The Jones-Henry linkup was a much more efficient one than the Jones-Meyers pairing. Jones averaged an impressive 8.43 adjusted yards per target when locking in on Henry. Henry was also an asset in fantasy terms, without being a superstar. He finished as the TE13 in half-PPR formats with 8.2 fantasy points per game, finishing as a weekly TE1 eight times.

DeVante Parker (Underdog ADP 131.4, WR60)

2021 was an injury-blighted campaign for DeVante Parker. He was restricted to just 10 games with the Dolphins, in which he drew 73 targets and caught 40 passes for 515 yards. Parker scored just two touchdowns all season. He seemed to have broken out in 2019, with 73 receptions for 1,202 yards and nine touchdowns. But in the two seasons since, he has a combined 103 catches for 1.308 yards and just six scores.

Last season he was barely on the radar in fantasy terms with 8.4 points per game. Parker was a WR3 or worse in seven of the 10 weeks in which he played. But the Patriots obviously see something in him they like, or they would hardly have sent a 2023 third-round draft pick to the Dolphins to acquire him.

Who Should You Draft?

The drumbeat coming out of Patriots camp is regarding the impact Parker has had on the offense since his arrival. His has been a camp full of highlight reel catches and big plays. Reports state that a fade to Parker in the back corner of the endzone has been a nearly unstoppable play so far in training camp. Parker himself has spoken about how good he feels about the chemistry he is developing with his new quarterback. His head coach, never one to throw about compliments lightly, stated that Parker has “…made some good plays…he’s shown up positively thru the spring.”

Hunter Henry has also been complimentary of his new teammate, and his potential impact on the offense, stating “It’s always nice to add a guy like (Parker) and take a little pressure off everybody else.”

The pressure is certainly on the other pass-catchers, if these reports are accurate, with Parker quickly establishing himself as The Guy among the receivers.
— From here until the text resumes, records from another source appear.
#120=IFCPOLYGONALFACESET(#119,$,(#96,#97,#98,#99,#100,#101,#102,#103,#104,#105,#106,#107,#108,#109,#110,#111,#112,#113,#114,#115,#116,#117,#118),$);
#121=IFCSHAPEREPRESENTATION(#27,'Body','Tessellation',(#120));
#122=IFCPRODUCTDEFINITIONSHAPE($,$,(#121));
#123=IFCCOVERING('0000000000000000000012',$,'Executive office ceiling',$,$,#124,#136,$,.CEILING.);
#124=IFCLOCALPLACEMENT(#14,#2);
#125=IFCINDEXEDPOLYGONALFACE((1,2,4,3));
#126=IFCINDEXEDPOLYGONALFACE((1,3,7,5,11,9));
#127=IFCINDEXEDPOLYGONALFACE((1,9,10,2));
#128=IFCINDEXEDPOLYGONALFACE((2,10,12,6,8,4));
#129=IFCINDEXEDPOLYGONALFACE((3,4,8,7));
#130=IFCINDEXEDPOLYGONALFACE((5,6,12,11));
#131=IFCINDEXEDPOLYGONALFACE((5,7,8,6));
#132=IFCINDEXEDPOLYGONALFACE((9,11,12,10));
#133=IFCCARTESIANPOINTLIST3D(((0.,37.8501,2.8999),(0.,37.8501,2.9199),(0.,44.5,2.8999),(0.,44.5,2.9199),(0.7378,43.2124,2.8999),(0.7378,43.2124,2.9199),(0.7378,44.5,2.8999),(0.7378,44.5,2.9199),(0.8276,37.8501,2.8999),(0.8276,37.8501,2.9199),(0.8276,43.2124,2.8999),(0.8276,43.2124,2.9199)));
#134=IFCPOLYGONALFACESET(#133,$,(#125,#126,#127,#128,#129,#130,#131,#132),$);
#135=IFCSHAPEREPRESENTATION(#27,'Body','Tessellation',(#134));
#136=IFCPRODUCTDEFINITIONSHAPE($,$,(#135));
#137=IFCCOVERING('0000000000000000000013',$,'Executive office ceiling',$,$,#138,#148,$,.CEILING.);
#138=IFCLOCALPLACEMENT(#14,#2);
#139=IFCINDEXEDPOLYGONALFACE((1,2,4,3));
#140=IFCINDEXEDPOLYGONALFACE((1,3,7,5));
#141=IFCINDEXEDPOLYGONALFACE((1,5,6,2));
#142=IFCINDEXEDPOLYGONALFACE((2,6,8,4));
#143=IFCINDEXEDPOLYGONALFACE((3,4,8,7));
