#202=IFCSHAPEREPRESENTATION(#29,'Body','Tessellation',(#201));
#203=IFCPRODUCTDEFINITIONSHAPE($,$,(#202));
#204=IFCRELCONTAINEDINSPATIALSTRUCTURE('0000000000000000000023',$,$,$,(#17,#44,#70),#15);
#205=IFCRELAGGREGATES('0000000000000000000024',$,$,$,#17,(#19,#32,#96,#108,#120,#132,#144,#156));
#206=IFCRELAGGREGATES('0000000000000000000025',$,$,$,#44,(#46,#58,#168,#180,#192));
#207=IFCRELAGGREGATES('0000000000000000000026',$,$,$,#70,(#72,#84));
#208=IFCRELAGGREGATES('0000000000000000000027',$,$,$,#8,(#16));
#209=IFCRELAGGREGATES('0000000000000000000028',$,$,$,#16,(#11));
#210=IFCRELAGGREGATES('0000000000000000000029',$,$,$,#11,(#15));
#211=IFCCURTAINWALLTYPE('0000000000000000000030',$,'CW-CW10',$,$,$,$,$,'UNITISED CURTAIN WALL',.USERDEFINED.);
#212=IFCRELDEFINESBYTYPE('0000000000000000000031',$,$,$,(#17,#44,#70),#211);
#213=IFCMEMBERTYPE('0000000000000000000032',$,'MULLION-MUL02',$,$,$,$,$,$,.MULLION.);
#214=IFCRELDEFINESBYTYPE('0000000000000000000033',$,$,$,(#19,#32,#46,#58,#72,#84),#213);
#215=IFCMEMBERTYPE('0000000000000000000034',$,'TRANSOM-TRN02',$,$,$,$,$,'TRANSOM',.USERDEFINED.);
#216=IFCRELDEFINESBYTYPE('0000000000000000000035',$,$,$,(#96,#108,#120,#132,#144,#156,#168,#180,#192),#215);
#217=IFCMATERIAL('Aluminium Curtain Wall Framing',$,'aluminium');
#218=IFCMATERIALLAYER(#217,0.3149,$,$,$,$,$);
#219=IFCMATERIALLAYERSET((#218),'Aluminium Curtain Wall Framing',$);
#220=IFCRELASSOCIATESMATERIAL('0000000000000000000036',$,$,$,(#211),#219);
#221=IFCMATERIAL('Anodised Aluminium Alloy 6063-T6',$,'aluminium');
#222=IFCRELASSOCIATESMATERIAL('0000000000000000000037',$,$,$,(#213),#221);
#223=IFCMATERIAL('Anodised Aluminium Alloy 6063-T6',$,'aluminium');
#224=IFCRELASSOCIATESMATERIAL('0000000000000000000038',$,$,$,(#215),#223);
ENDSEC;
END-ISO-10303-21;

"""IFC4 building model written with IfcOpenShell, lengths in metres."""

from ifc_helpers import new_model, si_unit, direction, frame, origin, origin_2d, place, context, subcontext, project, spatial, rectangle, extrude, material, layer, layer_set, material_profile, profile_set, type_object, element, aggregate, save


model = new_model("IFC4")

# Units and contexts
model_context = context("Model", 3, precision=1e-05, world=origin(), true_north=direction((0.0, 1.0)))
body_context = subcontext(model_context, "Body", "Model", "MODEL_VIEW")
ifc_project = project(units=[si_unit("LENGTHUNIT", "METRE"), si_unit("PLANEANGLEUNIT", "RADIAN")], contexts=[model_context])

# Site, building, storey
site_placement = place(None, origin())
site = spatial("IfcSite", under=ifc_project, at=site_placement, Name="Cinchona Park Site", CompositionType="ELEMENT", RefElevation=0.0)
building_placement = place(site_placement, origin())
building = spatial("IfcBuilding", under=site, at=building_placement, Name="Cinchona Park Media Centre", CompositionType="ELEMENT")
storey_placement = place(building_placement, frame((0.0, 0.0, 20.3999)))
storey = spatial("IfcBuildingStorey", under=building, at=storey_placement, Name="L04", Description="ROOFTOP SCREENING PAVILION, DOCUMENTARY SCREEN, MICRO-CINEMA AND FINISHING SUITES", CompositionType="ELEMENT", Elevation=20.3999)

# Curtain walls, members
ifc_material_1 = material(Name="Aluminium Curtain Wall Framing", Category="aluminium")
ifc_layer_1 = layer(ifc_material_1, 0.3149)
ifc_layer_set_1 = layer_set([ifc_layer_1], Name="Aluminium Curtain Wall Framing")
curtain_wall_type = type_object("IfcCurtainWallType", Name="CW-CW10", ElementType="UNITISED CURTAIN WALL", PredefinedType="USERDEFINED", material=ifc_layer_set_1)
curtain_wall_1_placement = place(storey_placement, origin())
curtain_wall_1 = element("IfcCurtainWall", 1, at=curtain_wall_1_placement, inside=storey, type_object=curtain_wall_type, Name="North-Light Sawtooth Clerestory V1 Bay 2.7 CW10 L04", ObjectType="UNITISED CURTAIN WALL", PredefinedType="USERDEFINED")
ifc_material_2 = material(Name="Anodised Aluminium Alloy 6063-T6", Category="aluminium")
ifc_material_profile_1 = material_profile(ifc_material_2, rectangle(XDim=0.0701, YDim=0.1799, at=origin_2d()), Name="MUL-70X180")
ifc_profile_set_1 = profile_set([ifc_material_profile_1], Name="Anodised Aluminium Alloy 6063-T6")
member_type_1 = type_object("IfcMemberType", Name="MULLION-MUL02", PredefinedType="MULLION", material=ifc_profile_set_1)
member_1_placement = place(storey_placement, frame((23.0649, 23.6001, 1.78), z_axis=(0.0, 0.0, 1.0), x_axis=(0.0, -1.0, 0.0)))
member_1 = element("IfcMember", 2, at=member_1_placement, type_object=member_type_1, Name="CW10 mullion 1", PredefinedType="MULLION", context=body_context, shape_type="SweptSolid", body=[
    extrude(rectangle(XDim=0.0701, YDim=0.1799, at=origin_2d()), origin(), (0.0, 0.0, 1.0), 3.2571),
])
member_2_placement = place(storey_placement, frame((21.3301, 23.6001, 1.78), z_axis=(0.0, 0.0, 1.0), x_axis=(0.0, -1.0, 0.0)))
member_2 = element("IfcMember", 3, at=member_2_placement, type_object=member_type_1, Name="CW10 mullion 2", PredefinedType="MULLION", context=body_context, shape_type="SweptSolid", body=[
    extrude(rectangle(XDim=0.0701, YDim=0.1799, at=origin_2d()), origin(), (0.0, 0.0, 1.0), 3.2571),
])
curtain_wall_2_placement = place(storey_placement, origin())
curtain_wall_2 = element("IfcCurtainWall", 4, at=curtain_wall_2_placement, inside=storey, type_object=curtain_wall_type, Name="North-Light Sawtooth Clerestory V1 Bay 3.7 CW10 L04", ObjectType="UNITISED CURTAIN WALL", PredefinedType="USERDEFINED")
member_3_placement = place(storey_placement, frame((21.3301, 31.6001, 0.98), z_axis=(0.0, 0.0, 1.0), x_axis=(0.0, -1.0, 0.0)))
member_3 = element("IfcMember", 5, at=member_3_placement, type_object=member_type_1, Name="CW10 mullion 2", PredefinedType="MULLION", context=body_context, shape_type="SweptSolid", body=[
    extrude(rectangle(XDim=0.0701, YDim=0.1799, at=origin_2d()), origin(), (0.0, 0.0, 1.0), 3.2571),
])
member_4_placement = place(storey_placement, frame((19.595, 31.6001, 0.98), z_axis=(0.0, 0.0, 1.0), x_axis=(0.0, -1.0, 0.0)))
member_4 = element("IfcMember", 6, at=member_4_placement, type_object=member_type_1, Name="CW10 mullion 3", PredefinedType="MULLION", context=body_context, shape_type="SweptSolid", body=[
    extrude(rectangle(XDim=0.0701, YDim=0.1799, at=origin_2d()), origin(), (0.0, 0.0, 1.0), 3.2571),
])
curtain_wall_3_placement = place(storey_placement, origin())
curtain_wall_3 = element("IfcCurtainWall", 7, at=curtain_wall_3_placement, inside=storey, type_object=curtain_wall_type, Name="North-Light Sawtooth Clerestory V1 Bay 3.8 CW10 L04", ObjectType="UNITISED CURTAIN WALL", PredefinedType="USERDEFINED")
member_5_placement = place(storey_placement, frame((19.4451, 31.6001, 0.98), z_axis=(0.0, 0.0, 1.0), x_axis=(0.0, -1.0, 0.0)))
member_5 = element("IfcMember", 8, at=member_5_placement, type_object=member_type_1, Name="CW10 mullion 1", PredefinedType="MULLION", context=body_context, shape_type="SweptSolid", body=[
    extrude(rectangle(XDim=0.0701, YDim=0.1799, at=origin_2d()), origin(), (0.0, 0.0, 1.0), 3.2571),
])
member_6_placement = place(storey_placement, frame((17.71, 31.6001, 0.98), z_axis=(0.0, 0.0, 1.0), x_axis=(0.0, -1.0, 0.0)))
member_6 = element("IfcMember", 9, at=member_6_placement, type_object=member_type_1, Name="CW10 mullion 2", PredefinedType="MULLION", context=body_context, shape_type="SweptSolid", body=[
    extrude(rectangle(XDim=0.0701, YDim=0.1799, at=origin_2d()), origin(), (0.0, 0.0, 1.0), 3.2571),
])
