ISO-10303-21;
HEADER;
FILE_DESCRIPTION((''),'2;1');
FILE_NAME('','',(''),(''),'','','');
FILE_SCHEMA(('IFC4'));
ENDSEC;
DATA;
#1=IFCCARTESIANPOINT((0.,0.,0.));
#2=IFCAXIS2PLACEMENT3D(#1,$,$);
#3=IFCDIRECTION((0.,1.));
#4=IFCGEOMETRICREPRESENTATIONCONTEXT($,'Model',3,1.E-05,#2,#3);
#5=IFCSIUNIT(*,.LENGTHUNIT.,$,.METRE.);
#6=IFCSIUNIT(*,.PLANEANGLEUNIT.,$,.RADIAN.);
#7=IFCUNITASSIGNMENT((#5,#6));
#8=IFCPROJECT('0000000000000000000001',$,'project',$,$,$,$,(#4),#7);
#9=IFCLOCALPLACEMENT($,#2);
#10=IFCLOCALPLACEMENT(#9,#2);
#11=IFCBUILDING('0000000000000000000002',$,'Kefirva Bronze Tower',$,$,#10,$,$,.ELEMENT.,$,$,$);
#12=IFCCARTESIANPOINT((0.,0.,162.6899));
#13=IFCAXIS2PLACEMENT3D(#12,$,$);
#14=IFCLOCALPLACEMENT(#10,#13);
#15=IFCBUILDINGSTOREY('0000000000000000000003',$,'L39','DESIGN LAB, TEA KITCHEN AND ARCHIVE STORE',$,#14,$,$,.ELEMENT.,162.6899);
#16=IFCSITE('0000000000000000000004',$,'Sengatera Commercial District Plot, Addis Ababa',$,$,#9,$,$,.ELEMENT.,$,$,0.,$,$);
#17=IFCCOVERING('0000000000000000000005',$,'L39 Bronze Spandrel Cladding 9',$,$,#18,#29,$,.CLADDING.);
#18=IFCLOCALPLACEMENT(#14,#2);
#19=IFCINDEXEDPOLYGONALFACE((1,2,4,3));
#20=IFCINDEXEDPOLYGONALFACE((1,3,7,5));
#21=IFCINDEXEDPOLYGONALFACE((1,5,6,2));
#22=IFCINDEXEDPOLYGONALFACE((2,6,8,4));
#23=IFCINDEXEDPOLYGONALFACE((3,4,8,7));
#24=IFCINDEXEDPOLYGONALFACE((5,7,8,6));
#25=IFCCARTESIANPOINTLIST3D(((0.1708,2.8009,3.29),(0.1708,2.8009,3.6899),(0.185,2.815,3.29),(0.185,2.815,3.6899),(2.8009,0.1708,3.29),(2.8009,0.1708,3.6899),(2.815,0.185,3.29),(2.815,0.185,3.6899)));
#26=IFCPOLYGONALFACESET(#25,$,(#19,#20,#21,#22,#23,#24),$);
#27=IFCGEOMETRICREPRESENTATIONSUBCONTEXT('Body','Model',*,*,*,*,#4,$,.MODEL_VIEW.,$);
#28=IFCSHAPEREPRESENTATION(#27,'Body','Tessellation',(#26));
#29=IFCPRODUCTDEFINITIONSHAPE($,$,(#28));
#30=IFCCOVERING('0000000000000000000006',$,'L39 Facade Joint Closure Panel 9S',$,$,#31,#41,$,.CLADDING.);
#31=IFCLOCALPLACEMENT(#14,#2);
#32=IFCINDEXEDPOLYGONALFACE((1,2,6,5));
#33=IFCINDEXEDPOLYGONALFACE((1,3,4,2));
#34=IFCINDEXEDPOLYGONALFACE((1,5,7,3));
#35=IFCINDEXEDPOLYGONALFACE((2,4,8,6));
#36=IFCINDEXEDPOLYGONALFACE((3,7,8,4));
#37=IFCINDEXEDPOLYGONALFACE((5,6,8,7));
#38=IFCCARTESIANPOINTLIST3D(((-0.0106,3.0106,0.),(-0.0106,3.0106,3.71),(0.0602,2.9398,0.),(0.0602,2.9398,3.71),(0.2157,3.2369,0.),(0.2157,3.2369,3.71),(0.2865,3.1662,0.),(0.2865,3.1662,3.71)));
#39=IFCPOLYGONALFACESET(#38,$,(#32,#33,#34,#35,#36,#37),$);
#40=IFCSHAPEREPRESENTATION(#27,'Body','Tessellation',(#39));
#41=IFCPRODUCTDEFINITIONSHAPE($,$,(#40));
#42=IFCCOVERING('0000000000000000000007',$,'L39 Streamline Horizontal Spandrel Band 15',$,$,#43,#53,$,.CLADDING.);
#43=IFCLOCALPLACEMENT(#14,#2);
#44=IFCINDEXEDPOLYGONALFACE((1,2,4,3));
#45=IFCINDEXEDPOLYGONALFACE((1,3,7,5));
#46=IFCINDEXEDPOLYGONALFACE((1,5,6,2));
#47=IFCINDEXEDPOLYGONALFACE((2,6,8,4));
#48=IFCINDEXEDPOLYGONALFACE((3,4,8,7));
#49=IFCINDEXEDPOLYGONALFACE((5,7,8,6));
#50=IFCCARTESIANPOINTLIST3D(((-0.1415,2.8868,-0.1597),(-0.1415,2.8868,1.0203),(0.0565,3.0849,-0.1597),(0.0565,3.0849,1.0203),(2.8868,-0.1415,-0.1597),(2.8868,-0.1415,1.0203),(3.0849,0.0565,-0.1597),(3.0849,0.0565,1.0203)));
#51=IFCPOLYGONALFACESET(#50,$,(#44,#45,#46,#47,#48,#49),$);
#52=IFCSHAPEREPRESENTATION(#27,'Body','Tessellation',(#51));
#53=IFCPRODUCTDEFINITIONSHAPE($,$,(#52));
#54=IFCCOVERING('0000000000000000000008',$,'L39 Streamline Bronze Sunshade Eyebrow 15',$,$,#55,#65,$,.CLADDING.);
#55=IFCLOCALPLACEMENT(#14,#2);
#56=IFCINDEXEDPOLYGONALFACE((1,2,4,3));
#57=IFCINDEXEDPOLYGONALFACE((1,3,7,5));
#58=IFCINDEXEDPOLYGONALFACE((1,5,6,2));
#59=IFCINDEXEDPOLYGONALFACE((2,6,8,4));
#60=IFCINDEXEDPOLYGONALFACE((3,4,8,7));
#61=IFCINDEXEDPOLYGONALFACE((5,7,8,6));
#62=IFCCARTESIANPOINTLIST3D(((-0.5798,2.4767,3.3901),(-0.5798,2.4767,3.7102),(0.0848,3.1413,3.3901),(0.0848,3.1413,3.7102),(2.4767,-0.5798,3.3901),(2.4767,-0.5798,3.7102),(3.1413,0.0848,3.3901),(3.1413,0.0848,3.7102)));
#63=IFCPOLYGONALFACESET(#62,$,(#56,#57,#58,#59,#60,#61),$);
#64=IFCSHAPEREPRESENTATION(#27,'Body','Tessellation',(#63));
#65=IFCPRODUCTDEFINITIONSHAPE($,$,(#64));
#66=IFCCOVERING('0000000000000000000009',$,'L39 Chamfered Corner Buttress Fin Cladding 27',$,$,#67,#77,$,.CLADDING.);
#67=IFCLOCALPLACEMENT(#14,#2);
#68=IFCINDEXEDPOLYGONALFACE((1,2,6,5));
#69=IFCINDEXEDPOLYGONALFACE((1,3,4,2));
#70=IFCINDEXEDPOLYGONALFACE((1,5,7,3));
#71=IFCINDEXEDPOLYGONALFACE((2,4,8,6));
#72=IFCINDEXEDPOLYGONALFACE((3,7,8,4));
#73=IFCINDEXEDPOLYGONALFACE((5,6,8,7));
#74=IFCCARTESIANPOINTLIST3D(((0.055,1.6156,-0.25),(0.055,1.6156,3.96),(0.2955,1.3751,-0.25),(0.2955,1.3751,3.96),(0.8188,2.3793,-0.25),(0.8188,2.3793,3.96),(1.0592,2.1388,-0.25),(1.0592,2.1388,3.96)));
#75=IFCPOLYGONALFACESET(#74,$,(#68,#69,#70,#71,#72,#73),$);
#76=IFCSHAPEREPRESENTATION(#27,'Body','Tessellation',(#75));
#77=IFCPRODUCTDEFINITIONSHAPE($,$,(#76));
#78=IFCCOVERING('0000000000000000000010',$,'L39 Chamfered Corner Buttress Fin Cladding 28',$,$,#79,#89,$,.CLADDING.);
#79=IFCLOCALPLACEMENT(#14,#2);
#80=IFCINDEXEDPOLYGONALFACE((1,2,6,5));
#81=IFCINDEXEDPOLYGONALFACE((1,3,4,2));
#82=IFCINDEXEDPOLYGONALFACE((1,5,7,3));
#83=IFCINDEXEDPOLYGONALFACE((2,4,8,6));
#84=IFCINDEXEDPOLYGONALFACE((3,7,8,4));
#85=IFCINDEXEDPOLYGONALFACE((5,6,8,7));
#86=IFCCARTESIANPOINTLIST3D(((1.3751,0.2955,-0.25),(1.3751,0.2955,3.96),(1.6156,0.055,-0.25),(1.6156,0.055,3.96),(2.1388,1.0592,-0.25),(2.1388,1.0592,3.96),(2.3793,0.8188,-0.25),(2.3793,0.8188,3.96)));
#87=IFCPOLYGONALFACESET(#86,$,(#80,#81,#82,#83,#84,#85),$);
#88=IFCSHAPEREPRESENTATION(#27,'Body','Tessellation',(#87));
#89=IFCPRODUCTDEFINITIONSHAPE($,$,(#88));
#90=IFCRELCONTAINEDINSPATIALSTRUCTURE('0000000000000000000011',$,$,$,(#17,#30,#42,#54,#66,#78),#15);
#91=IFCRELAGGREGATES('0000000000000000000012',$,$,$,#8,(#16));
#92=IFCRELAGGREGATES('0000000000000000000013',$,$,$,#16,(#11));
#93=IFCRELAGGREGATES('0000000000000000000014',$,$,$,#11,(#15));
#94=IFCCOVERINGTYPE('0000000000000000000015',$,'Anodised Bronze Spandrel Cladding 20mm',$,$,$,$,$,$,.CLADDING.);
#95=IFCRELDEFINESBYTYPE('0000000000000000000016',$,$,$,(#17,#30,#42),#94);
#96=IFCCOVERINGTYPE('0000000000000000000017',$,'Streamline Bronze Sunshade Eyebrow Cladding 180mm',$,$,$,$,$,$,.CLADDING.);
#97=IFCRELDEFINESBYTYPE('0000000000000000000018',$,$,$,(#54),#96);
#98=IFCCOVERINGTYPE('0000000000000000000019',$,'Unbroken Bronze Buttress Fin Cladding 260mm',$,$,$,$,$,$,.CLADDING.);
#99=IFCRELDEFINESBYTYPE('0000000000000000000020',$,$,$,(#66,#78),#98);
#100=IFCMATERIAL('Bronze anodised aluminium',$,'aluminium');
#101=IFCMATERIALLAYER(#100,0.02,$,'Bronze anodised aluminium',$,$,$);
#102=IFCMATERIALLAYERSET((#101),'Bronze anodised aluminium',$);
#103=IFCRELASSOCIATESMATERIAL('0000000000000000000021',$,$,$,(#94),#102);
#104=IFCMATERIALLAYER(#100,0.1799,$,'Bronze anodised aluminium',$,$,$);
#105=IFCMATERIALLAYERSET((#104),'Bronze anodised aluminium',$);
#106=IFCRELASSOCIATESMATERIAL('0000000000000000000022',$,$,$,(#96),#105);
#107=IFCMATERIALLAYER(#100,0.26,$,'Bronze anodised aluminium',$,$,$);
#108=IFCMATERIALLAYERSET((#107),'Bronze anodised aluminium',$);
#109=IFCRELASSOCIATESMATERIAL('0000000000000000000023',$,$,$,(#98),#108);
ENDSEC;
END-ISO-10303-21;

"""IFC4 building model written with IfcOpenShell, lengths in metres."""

from ifc_helpers import new_model, si_unit, direction, frame, origin, origin_2d, place, context, subcontext, project, spatial, rectangle, extrude, material, layer, layer_set, type_object, element, save


model = new_model("IFC4")

# Units and contexts
model_context = context("Model", 3, precision=1e-05, world=origin(), true_north=direction((0.0, 1.0)))
body_context = subcontext(model_context, "Body", "Model", "MODEL_VIEW")
ifc_project = project(units=[si_unit("LENGTHUNIT", "METRE"), si_unit("PLANEANGLEUNIT", "RADIAN")], contexts=[model_context])

# Site, building, storey
site_placement = place(None, origin())
site = spatial("IfcSite", under=ifc_project, at=site_placement, Name="Sengatera Commercial District Plot, Addis Ababa", CompositionType="ELEMENT", RefElevation=0.0)
building_placement = place(site_placement, origin())
building = spatial("IfcBuilding", under=site, at=building_placement, Name="Kefirva Bronze Tower", CompositionType="ELEMENT")
storey_placement = place(building_placement, frame((0.0, 0.0, 162.6899)))
storey = spatial("IfcBuildingStorey", under=building, at=storey_placement, Name="L39", Description="DESIGN LAB, TEA KITCHEN AND ARCHIVE STORE", CompositionType="ELEMENT", Elevation=162.6899)

# Shared definitions
ifc_material_1 = material(Name="Bronze anodised aluminium", Category="aluminium")

# Coverings
ifc_layer_1 = layer(ifc_material_1, 0.02, Name="Bronze anodised aluminium")
ifc_layer_set_1 = layer_set([ifc_layer_1], Name="Bronze anodised aluminium")
covering_type_1 = type_object("IfcCoveringType", Name="Anodised Bronze Spandrel Cladding 20mm", PredefinedType="CLADDING", material=ifc_layer_set_1)
covering_1_placement = place(storey_placement, frame((1.4929, 1.4929, 3.29), z_axis=(0.0, 0.0, 1.0), x_axis=(0.707107, -0.707107, 0.0)))
element("IfcCovering", 1, at=covering_1_placement, inside=storey, type_object=covering_type_1, Name="L39 Bronze Spandrel Cladding 9", PredefinedType="CLADDING", context=body_context, shape_type="SweptSolid", body=[
    extrude(rectangle(XDim=3.7195, YDim=0.02, at=origin_2d()), origin(), (0.0, 0.0, 1.0), 0.3999),
])
covering_2_placement = place(storey_placement, frame((0.1379, 3.0884, 0.0), z_axis=(0.0, 0.0, 1.0), x_axis=(0.707107, -0.707107, 0.0)))
element("IfcCovering", 2, at=covering_2_placement, inside=storey, type_object=covering_type_1, Name="L39 Facade Joint Closure Panel 9S", PredefinedType="CLADDING", context=body_context, shape_type="SweptSolid", body=[
    extrude(rectangle(XDim=0.1001, YDim=0.3201, at=origin_2d()), origin(), (0.0, 0.0, 1.0), 3.71),
])
covering_3_placement = place(storey_placement, frame((1.4717, 1.4717, -0.1597), z_axis=(0.0, 0.0, 1.0), x_axis=(0.707107, -0.707107, 0.0)))
element("IfcCovering", 3, at=covering_3_placement, inside=storey, type_object=covering_type_1, Name="L39 Streamline Horizontal Spandrel Band 15", PredefinedType="CLADDING", context=body_context, shape_type="SweptSolid", body=[
    extrude(rectangle(XDim=4.2827, YDim=0.28, at=origin_2d()), origin(), (0.0, 0.0, 1.0), 1.1799),
])
ifc_layer_2 = layer(ifc_material_1, 0.1799, Name="Bronze anodised aluminium")
ifc_layer_set_2 = layer_set([ifc_layer_2], Name="Bronze anodised aluminium")
covering_type_2 = type_object("IfcCoveringType", Name="Streamline Bronze Sunshade Eyebrow Cladding 180mm", PredefinedType="CLADDING", material=ifc_layer_set_2)
covering_4_placement = place(storey_placement, frame((1.2808, 1.2808, 3.3901), z_axis=(0.0, 0.0, 1.0), x_axis=(0.707107, -0.707107, 0.0)))
element("IfcCovering", 4, at=covering_4_placement, inside=storey, type_object=covering_type_2, Name="L39 Streamline Bronze Sunshade Eyebrow 15", PredefinedType="CLADDING", context=body_context, shape_type="SweptSolid", body=[
    extrude(rectangle(XDim=4.3225, YDim=0.9399, at=origin_2d()), origin(), (0.0, 0.0, 1.0), 0.3201),
])
ifc_layer_3 = layer(ifc_material_1, 0.26, Name="Bronze anodised aluminium")
ifc_layer_set_3 = layer_set([ifc_layer_3], Name="Bronze anodised aluminium")
covering_type_3 = type_object("IfcCoveringType", Name="Unbroken Bronze Buttress Fin Cladding 260mm", PredefinedType="CLADDING", material=ifc_layer_set_3)
for number, where, z_axis, x_axis, name in (
    (5, (0.5571, 1.8772, -0.25), (0.0, 0.0, 1.0), (0.707107, -0.707107, 0.0), "L39 Chamfered Corner Buttress Fin Cladding 27"),
    (6, (1.8772, 0.5571, -0.25), (0.0, 0.0, 1.0), (0.707107, -0.707107, 0.0), "L39 Chamfered Corner Buttress Fin Cladding 28"),
):
    element("IfcCovering", number, at=place(storey_placement, frame(where, z_axis=z_axis, x_axis=x_axis)), inside=storey, type_object=covering_type_3, Name=name, PredefinedType="CLADDING", context=body_context, shape_type="SweptSolid", body=[
        extrude(rectangle(XDim=0.3401, YDim=1.0801, at=origin_2d()), origin(), (0.0, 0.0, 1.0), 4.21),
    ])

save(model, "model.ifc")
Meyers has by all accounts had a slow start to camp and is struggling somewhat with the new offense. His track record does not suggest that he can take a leap in terms of his game, at least not in a way that makes him attractive to fantasy managers.

Henry showed that he can be efficient when targeted and given the state of the tight end landscape an efficient performer can make up for a lack of volume. But there are tight ends with easier paths to volume this season, and Parker may cut into Henry’s red zone work in 2022. We saw last season that Henry’s production was largely touchdown driven, and any knock on this makes him tough to trust on a weekly basis.

The Patriots are still likely to lean heavily on the ground game, even with the changes to their offensive staff. Their pass rate in neutral game situations in 2021 was 50%, and when they had a lead, it fell to 49%. But the addition of Parker might lead to the Patriots allowing Mac Jones to take more chances when called upon to pass, given Parker’s ability to fight for the ball. Parker’s contested catch rate in 2021 was a healthy 52%, according to PlayerProfiler. Meyers was down at 36.6%, while Henry was slightly better at 43.5%.

According to Next Gen Stats, Parker is not a great separator, with a league-low 1.7 yards of separation in 2021. But his ability to snag catches even when covered should encourage Jones to put the ball up where Parker can win. Jones was 22nd in aggressiveness according to Next Gen Stats last season with 15.4% of his throws going into tight windows. The most aggressive quarterback according to this metric? Tua Tagavailoa at 19.3%. Who did Tua have to throw to for 10 games last season? DeVante Parker.

Parker’s current ADP, coupled with the run-heavy offensive approach, suggests that he is not likely to be a WR1. But if he truly cannot be stopped on the end zone fade, offering weekly touchdown upside, then he could be a solid WR3 with occasional visits into WR2 airspace. He’s not a player that you absolutely have to have. But he is certainly a name I am considering late in drafts, providing he can stay healthy of course.